A pluralidade de fatores conscientes e inconscientes e a maneira como os temas articulam-se 
podem ser encontradas no contexto do exame psicológico como um todo. O DF-E deve ser avaliado 
 
9 
 
em interdependência com as demais informações disponíveis. Uma avaliação do conjunto das 4 
unidades de produção tanto pode partir da análise em separado de cada unidade na ordem em que 
foram produzidas, quanto pode originar-se de uma apreciação globalística do conjunto das unidades de 
produção, em combinação com as entrevistas clinicas, os testes psicológicos e os demais recursos 
empregados. Aplicam-se ao DF-E as recomendações gerais sobre avaliação descritas para o 
Procedimento de D-E. 
 
Um estudo exploratório tentou investigar a concordância de diferentes avaliações do DF-E em 
um mesmo caso clinico feitas por psicólogos independentes entre si, empregando o referencial 
psicanalítico. Os resultados indicaram razoável nível de concordância entre as avaliações, resultando 
em descrições satisfatórias para a compreensão da problemática da criança. 
 
3.7. Notícia Histórica 
 
Animados com a aceitação alcançada pelo Procedimento de D-E, concebemos o Procedimento 
de DF-E tendo por base, justamente, o fator que permitiu a expansão do primeiro: a junção das 
técnicas gráficas com as técnicas de apercepção temática. O DF-E consiste na utilização modificada e 
ampliada das formas gráficas de expressão anteriormente existentes sob o tema da família. Ele se 
baseia em estudos de desenhos de família, cujas origens remontam à década de 30 e cuja paternidade 
é discutível. Minkowski (1952) e Cain e Gomila (1953) atribuem primazia a Françoise Minkowska. 
 
Outros estudiosos, como N. Appel (1931) e Trude Taube (1937) os empregaram antes. Parece 
que surgiram do uso clínico simultâneo e independente de diversos pesquisadores, em diferentes 
regiões geográficas. Esta é a opinião de Hammer (1969). Tradicionalmente, nós os encontramos como 
técnica gráfica aplicada sob as consignas: “desenhe sua família" e/ou “desenhe uma família". Essa 
técnica foi inicialmente difundida na Europa por Porot (1954) e Corman (1964). No extremo oriente, foi 
divulgada por Fukuda (1958). Nos EUA, uma variante denominada Desenhos Cinéticos de Família 
(KFD) foi proposta por Burns e Kaufman (1970). No Brasil, merecem menção especial o trabalho 
pioneiro de Barcellos (1952) e a pesquisa de Maggi (1970), que não só desenvolveu um amplo 
inquérito padronizado como, ainda, foi precursora do uso do desenho colorido da família. 
 
Empreendemos ensaios clínicos preliminares sobre os desenhos de família como estímulos de 
apercepção temática no início da década de 70. Uma versão elaborada desta técnica foi divulgada nos 
anos de 1978 a 1985. Na ocasião, o Procedimento de DF-E já se compunha de 4 unidades de 
produção, contendo as características e os passos que determinaram a forma atual do instrumento. 

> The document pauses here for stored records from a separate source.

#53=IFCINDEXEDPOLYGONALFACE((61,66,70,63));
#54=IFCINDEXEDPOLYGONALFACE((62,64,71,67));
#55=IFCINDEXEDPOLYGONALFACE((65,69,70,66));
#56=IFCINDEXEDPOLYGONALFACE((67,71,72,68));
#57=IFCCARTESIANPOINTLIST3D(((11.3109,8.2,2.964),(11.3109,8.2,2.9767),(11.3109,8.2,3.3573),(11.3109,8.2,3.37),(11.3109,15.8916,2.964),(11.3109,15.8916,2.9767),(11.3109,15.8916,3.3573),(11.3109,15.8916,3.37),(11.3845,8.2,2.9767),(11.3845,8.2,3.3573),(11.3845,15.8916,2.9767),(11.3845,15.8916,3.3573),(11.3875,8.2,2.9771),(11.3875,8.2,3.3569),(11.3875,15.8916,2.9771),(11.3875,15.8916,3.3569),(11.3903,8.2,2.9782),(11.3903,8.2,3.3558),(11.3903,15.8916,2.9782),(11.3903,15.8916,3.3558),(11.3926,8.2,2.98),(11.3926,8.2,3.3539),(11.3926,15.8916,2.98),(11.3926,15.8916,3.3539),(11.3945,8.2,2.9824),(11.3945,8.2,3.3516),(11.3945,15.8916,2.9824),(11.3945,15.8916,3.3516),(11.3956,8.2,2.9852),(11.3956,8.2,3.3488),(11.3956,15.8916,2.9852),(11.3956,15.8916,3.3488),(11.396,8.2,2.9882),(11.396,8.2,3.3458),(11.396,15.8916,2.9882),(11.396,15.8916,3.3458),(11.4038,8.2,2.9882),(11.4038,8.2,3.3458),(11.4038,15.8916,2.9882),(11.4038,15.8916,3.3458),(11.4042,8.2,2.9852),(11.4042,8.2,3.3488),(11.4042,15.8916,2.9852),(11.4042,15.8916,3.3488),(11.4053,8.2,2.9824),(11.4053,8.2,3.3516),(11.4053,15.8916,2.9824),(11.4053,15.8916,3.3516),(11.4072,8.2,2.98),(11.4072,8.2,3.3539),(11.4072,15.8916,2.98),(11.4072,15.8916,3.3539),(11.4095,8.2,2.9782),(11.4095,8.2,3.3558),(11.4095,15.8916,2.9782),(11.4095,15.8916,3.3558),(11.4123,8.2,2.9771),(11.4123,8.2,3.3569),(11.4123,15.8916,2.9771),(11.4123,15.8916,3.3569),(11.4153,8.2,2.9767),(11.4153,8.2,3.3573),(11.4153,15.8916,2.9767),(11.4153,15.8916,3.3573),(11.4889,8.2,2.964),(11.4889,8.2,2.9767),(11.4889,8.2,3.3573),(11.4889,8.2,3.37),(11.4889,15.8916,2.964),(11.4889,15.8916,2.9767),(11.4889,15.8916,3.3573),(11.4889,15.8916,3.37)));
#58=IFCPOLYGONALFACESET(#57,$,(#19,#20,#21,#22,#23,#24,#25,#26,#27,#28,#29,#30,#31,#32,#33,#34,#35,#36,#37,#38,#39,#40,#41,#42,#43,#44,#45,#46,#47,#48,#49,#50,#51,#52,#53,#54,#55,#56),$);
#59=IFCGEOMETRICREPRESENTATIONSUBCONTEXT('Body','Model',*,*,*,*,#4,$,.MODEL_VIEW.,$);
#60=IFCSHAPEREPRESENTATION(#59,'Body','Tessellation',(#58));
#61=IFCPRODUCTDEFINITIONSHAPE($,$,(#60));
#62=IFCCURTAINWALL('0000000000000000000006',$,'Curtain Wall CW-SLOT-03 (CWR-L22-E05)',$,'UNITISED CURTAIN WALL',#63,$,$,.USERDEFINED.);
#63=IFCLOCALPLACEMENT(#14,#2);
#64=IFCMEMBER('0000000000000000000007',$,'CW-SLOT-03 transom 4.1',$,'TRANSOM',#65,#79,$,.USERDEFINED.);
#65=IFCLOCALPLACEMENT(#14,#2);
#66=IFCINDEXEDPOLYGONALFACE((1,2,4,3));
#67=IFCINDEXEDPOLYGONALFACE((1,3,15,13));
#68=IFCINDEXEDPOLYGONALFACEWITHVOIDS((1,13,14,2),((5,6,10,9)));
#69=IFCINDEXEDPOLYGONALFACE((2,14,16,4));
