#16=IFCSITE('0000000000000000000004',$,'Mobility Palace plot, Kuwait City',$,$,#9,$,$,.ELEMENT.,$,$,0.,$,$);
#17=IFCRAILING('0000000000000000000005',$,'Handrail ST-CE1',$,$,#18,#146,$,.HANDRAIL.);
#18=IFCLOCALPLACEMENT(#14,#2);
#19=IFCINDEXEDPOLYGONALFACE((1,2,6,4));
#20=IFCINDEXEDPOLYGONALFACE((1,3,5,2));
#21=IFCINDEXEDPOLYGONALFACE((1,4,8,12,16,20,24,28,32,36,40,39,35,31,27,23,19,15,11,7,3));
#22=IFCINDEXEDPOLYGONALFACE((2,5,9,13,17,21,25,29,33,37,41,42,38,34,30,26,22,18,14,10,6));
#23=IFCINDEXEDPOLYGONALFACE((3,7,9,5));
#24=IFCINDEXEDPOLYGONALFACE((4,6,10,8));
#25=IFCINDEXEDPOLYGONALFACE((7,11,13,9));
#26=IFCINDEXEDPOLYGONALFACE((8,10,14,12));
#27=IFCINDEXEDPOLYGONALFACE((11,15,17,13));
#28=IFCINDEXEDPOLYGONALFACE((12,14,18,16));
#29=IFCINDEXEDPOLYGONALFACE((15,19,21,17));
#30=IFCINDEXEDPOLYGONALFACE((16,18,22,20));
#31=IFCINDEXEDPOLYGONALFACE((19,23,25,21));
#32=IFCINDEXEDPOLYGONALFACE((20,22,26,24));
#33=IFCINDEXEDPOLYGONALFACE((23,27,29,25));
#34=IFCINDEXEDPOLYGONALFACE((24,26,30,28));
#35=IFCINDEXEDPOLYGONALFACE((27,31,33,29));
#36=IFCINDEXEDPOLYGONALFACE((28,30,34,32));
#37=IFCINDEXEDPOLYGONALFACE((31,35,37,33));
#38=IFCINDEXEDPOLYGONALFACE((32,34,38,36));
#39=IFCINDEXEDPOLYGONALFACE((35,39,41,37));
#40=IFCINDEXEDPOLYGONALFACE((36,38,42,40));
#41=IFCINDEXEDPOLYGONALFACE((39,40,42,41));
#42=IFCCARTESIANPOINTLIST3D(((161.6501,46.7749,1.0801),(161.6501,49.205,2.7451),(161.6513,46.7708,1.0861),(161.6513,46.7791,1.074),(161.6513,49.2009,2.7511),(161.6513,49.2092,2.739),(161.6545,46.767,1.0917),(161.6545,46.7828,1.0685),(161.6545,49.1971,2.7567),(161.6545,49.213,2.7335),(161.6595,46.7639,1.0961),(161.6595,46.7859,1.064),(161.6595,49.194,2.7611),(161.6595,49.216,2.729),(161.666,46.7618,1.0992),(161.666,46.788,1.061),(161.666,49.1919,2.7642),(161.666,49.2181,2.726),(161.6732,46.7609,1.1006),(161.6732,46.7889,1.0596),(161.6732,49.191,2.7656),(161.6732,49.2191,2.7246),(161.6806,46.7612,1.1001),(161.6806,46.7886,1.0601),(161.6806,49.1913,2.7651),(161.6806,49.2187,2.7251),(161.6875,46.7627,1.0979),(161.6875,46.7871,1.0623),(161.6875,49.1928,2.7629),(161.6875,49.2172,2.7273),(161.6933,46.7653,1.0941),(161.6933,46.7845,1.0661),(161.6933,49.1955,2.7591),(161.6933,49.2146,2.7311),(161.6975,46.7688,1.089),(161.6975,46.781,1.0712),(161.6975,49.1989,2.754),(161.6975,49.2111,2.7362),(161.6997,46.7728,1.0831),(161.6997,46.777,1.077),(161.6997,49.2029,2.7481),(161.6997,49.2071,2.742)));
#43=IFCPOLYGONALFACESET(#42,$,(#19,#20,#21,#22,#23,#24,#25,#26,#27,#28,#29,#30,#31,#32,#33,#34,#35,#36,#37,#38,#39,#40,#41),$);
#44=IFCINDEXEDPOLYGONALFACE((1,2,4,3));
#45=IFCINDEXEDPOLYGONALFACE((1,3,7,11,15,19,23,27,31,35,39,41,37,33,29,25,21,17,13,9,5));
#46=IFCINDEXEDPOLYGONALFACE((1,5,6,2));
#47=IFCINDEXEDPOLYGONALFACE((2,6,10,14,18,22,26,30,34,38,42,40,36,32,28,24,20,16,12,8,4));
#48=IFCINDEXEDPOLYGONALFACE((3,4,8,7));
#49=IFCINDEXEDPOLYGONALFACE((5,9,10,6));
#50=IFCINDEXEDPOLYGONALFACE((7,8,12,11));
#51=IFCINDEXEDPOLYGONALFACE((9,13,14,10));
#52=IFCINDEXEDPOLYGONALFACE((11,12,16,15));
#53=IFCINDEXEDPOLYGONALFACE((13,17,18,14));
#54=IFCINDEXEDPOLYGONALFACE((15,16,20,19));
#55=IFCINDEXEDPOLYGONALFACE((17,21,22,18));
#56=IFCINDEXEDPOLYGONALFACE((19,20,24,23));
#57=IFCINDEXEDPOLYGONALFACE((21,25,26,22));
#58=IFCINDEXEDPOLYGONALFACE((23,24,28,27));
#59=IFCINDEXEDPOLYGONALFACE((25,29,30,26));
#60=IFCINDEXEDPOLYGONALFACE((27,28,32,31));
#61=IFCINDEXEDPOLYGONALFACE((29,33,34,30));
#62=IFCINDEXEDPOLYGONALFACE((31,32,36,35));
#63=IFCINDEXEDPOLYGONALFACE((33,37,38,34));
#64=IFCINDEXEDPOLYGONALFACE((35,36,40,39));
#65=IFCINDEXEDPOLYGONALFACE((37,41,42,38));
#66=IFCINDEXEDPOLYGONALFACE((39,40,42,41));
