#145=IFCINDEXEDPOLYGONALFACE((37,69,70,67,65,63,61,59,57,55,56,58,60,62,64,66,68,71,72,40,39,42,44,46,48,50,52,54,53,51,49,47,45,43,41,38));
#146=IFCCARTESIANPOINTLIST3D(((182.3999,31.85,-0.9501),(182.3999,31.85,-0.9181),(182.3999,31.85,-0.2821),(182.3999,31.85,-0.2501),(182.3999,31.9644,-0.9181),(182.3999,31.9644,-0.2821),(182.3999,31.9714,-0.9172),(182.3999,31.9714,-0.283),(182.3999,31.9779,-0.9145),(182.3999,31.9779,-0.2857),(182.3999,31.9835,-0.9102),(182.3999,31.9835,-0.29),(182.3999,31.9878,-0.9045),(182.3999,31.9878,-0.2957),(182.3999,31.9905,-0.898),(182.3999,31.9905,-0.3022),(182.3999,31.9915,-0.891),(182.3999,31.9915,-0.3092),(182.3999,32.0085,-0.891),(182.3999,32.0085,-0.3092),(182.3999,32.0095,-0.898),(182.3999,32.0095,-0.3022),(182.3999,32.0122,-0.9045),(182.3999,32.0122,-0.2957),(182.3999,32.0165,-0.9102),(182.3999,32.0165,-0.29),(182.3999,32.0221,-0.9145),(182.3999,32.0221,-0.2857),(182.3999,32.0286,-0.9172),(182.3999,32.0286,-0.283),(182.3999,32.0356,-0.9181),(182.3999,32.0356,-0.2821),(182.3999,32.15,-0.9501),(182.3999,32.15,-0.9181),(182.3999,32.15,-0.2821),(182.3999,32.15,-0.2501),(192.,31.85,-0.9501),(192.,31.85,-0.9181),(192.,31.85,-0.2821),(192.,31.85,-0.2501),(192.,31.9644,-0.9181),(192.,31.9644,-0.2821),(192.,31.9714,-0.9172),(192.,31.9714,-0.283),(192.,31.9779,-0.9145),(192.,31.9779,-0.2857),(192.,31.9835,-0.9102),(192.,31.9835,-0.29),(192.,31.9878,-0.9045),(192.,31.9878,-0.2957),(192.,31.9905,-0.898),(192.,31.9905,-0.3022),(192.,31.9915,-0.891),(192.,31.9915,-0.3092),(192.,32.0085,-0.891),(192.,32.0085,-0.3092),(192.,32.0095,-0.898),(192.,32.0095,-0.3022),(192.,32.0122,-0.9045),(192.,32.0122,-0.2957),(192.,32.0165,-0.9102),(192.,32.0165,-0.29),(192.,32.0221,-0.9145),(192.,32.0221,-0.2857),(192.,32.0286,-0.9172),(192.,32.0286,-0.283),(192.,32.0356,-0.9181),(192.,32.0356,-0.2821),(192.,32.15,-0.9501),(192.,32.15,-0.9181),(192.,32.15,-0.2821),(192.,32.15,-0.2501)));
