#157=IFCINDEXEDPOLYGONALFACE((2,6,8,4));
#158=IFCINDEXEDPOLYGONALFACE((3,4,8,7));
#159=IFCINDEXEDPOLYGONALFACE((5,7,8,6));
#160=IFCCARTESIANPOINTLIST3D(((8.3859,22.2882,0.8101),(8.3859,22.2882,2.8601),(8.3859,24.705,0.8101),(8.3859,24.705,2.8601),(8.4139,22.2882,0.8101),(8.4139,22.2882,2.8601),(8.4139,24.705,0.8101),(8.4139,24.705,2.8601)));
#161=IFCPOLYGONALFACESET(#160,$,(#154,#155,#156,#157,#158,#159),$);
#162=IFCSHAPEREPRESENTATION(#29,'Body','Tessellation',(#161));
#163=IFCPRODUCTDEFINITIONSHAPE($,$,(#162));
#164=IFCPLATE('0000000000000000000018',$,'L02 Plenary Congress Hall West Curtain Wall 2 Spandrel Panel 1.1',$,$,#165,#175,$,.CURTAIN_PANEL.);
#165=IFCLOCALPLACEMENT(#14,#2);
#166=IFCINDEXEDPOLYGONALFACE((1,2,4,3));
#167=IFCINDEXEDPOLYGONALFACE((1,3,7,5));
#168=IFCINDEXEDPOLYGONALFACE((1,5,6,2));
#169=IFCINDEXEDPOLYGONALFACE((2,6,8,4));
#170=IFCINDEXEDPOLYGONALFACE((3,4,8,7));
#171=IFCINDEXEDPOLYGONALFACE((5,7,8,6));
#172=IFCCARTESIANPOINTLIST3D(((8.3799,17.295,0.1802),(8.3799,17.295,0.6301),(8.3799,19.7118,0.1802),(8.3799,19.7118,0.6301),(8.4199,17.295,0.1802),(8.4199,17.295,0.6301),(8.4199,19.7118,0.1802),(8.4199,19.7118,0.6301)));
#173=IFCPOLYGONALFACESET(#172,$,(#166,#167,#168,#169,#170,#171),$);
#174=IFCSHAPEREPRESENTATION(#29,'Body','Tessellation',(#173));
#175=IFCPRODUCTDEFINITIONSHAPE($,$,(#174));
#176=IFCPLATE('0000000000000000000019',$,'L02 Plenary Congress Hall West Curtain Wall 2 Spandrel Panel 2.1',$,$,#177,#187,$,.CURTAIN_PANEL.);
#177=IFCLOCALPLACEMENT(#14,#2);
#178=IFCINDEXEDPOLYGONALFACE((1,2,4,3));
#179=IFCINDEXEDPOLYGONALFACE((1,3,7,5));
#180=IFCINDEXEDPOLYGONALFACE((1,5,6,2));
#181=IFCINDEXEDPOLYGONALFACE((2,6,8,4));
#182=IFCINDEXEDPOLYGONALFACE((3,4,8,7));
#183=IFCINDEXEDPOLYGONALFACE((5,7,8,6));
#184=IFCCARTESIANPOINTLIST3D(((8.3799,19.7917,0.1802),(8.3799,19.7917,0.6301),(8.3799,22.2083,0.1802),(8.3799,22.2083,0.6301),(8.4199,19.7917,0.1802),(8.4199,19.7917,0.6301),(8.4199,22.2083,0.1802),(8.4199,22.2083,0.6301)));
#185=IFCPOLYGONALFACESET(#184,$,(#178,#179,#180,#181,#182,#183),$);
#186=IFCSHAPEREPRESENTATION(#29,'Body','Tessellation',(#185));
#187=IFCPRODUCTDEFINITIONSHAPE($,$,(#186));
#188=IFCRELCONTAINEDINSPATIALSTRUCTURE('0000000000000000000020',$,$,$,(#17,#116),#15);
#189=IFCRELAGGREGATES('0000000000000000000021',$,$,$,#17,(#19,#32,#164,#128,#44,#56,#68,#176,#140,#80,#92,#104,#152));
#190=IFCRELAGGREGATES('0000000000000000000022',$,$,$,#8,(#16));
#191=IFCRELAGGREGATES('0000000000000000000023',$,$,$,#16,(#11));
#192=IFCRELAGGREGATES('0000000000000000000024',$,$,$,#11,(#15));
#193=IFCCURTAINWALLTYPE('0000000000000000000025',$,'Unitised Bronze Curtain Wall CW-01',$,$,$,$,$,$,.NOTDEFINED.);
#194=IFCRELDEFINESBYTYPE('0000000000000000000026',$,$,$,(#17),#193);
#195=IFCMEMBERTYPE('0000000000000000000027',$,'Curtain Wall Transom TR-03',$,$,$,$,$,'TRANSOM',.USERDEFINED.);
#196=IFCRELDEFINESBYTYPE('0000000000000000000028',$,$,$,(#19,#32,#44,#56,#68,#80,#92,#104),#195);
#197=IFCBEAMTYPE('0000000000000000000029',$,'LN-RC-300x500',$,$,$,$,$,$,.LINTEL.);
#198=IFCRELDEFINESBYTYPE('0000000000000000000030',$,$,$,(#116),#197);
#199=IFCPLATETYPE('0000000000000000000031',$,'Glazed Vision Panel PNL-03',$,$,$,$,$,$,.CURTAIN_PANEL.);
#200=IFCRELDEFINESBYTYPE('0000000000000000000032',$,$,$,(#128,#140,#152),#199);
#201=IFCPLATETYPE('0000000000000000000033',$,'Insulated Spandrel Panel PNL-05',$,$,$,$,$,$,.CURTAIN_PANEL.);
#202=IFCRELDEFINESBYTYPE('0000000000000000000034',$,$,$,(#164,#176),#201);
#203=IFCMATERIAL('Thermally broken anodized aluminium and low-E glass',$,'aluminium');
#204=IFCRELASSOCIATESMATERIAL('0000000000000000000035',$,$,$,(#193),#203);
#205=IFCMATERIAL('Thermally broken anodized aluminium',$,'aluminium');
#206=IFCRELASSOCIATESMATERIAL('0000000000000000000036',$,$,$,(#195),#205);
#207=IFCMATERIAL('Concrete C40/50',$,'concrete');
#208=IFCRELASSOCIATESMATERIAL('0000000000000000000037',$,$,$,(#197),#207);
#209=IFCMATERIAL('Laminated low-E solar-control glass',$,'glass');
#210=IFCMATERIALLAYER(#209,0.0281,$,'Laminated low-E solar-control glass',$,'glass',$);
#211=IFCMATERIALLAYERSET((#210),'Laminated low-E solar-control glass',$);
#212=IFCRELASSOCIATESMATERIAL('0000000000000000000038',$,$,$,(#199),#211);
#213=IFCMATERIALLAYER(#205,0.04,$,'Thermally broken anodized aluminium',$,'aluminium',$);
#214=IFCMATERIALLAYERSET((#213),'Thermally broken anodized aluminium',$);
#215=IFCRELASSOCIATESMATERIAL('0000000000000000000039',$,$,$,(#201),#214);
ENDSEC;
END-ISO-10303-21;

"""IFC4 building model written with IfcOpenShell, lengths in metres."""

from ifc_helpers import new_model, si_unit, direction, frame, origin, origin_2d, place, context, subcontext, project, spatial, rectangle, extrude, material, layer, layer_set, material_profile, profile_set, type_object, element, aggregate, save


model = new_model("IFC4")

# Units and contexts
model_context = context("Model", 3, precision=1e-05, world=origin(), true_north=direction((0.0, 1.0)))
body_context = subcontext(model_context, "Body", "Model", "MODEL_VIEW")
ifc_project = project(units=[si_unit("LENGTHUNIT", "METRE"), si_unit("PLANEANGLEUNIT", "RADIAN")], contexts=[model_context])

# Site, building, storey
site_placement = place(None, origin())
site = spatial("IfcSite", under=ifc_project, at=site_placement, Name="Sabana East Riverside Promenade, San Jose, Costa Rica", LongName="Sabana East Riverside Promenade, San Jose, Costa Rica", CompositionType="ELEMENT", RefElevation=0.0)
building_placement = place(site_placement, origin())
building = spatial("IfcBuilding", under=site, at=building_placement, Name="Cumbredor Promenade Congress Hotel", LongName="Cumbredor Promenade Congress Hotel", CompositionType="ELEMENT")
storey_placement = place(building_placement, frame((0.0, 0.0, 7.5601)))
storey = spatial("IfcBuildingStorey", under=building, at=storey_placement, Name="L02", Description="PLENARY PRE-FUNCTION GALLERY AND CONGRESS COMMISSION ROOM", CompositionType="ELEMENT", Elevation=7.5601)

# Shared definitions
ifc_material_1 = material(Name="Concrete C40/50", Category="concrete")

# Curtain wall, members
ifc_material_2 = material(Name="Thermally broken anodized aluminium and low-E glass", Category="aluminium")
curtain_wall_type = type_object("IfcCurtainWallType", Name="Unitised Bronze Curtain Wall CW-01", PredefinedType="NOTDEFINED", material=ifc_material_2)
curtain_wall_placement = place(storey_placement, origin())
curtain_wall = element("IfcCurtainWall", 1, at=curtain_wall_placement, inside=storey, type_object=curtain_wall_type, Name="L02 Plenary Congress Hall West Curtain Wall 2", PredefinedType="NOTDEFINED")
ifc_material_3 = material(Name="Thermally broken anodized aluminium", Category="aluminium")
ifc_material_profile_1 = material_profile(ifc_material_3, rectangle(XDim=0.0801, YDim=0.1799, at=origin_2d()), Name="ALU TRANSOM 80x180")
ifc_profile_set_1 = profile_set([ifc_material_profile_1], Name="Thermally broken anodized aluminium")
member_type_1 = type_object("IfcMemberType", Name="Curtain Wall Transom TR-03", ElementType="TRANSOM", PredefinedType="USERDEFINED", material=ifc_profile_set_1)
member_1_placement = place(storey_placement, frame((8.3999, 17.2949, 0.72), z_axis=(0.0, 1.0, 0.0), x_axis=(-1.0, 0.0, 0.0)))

Basicamente, ele era constituído pela obtenção, para cada sujeito, de uma seqüência de desenhos de 
família, sendo cada desenho um estímulo para que se contasse uma estória de livre associação 
imediatamente após a realização do mesmo. Concluída a estória, o examinando seguia fornecendo 
esclarecimentos (fase do “inquérito”) e o titulo. Na primeira unidade, o desenho era de “uma família 
qualquer”; na segunda, era “de sua própria família”, na terceira, de “uma família que gostaria de ter"; 
finalmente, na última unidade, o desenho era de “uma família onde existe uma criança que tem o 
seguinte problema...” (especificava-se o problema que aparecia como queixa principal). A aplicação era 
individual, usando-se, além do lápis preto, uma caixa de lápis de cor de 12 unidades. 
 
Desde os momentos iniciais de apresentação do DF-E, estimulamos a realização de estudos 
visando sua validação clinica e estatística. Um dos estudos de validação, que temos a satisfação de 
mencionar, foi realizado pela psicóloga Valceque R. N. Porto, em 1985, no curso de pós-graduação em 
Psicologia Clinica da PUC de Campinas. Combinamos a realização de uma pesquisa em que o DF-E, 
na forma até então desenvolvida e apresentada, fosse comparado estatisticamente com outro 
instrumento já validado e de uso corrente na prática do diagnóstico psicológico. A escolha deste 
instrumento-padrão recaiu sobre o Teste de Atitudes Familiares de Jackson (1957). Tanto o DF-E 
quanto o instrumento-padrão foram aplicadosa 28 sujeitos, de ambos os sexos, em idades 
compreendidas entre 6 e 12 anos (inclusive) com queixas de dificuldades emocionais. Os protocolos 
foram avaliados independentemente por 6 psicólogos de comprovada experiência clínica. Sobre os 
resultados dessas avaliações, procurou-se verificar se havia concordância entre ambos os 
instrumentos na aferição de dinamismos da personalidade, aplicando-se para isto a Prova Binomial. 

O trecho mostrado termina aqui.